Only one or two cranes vocalized in the darkness, so I didn't know what to expect. Maybe there were only going to be one or two cranes out there. Thankfully, the vocalizing did start to pick up as it got light out, but the nearest cranes were pretty far away. As the morning got brighter, what few cranes there were, soon peeled off in twos and threes and flew away.


It was just barely bright enough to get this shot at f/16. Moments later, all but a couple of the cranes had lifted off and winged south.


Mt. Diablo with Sandhill Crane


Crane Flexing its Wings


In the distance I watched sparse flocks of geese and cranes fly out to their morning feeding areas.


Cranes on the Wing


These were the only two cranes that flew anywhere near me.


A flock of red-winged blackbirds was busy in the same field as a few cranes. A farmer running a disk harrow was off-camera to the right.


Sometimes the cranes are frisky with each other, but this was the only display-tussle I saw all day.


Blackbirds would sometimes circle the cranes before landing.


This was another roadside feeding area with a flooded stubble field, also along Woodbridge Road.


I couldn't see what they were picking up out there, but apparently they pluck out fallen grains from the harvest.


A flock of shorebirds flies past white-fronted geese.


This great egret was lounging atop some grape vines.


I drove the short distance to Staten Island Road, where I found a few cranes in a field more colorful than the plowed ones at Woodbridge Road.

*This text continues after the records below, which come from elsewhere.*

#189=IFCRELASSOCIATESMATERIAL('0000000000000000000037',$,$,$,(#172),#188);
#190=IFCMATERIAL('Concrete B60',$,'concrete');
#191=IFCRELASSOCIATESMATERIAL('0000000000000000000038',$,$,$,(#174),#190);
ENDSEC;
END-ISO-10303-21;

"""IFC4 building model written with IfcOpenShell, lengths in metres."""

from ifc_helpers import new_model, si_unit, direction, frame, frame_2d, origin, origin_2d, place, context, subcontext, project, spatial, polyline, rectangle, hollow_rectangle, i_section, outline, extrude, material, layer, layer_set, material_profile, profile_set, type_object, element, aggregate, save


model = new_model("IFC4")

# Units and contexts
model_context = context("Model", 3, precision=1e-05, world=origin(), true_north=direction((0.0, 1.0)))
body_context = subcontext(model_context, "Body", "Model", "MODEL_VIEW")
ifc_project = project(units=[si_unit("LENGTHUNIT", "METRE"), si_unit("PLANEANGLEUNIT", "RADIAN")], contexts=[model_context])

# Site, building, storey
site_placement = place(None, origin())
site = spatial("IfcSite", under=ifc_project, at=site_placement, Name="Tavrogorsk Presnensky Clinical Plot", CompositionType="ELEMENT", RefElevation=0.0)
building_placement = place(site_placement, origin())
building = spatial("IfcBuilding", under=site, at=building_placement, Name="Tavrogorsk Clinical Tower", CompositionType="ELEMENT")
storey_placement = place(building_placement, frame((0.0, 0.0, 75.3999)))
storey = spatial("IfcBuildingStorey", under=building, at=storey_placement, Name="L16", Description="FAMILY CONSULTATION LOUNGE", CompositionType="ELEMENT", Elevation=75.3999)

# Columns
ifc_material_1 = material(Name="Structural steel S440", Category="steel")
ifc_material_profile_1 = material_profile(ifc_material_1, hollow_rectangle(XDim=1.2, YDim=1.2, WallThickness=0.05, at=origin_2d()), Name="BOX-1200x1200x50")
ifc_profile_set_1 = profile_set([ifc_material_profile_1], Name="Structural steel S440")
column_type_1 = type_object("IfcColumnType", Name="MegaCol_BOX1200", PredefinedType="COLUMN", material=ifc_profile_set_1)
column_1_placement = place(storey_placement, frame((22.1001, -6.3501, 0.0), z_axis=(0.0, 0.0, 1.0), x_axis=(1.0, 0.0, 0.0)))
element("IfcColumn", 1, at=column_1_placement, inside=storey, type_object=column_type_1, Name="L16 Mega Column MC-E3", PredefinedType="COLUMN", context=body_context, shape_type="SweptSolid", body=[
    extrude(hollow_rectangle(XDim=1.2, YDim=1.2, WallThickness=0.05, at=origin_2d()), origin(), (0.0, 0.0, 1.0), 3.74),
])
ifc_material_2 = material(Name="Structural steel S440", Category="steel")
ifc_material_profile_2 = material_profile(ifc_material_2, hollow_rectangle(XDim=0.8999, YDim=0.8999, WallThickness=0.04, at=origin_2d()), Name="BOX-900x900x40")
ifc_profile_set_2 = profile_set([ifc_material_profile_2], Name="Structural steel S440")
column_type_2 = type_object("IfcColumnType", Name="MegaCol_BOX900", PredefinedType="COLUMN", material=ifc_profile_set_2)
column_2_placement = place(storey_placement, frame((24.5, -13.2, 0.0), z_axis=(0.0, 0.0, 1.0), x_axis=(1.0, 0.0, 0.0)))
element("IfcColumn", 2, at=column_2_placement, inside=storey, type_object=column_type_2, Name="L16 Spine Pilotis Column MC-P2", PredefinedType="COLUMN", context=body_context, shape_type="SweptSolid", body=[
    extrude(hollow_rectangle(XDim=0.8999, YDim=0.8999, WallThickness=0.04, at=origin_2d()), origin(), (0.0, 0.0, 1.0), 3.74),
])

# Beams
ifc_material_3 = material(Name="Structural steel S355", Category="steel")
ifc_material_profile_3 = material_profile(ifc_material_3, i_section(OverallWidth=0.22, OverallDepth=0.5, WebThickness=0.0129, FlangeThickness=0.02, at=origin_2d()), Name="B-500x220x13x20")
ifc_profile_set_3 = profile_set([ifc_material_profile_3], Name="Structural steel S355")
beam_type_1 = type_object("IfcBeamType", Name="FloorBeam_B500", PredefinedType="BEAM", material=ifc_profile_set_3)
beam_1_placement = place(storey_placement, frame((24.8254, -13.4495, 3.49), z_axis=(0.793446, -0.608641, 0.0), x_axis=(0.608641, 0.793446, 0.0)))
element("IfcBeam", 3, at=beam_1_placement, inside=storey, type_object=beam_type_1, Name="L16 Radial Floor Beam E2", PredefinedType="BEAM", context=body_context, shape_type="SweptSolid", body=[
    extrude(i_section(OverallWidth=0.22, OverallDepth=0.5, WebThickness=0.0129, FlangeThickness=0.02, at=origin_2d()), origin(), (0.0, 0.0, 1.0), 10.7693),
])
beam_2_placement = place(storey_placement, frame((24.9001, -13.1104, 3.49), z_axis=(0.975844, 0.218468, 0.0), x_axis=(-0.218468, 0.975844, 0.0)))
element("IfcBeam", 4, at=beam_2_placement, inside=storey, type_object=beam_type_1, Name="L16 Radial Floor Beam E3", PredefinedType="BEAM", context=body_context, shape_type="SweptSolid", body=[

A young sandhill crane forages with its possible family group. There was another adult off-camera.


There were lots of pintails out at Cosumnes Preserve. The secondary parking area was closed for some reason, but the birding was very good up Desmond Road (where Franklin Boulevard ends due to construction).


There were lots of white-fronted geese cackling and humming (yes, humming; I think it was a warning to other geese to keep their distance) in the flooded fields.


This flock of geese raised up for unknown reasons. The sound of their wings as they first lifted off was incredible, and I didn't recognize it right away. There was no vocalization at all, just a rushing sound of wind. The honking came in after they got well into the air.


After circling around, a few of the geese floated down to land next to a small group of cranes.


This was the closest any cranes came to the road all morning.


Such a beautiful bird.


I hadn't used the video on my full-frame camera in so long, I didn't realize I was only capturing sound when I thought I was recording video of the cranes. I still didn't have the exposure quite right when I was recording the geese later on, but at least it's not completely dark.


This is a screen grab of Mt. Shasta from yesterday. Today it's just gray and rainy, like it will probably be around here tomorrow.


Looking for something else, I came across this panorama from 15 years ago, November 4, 2010.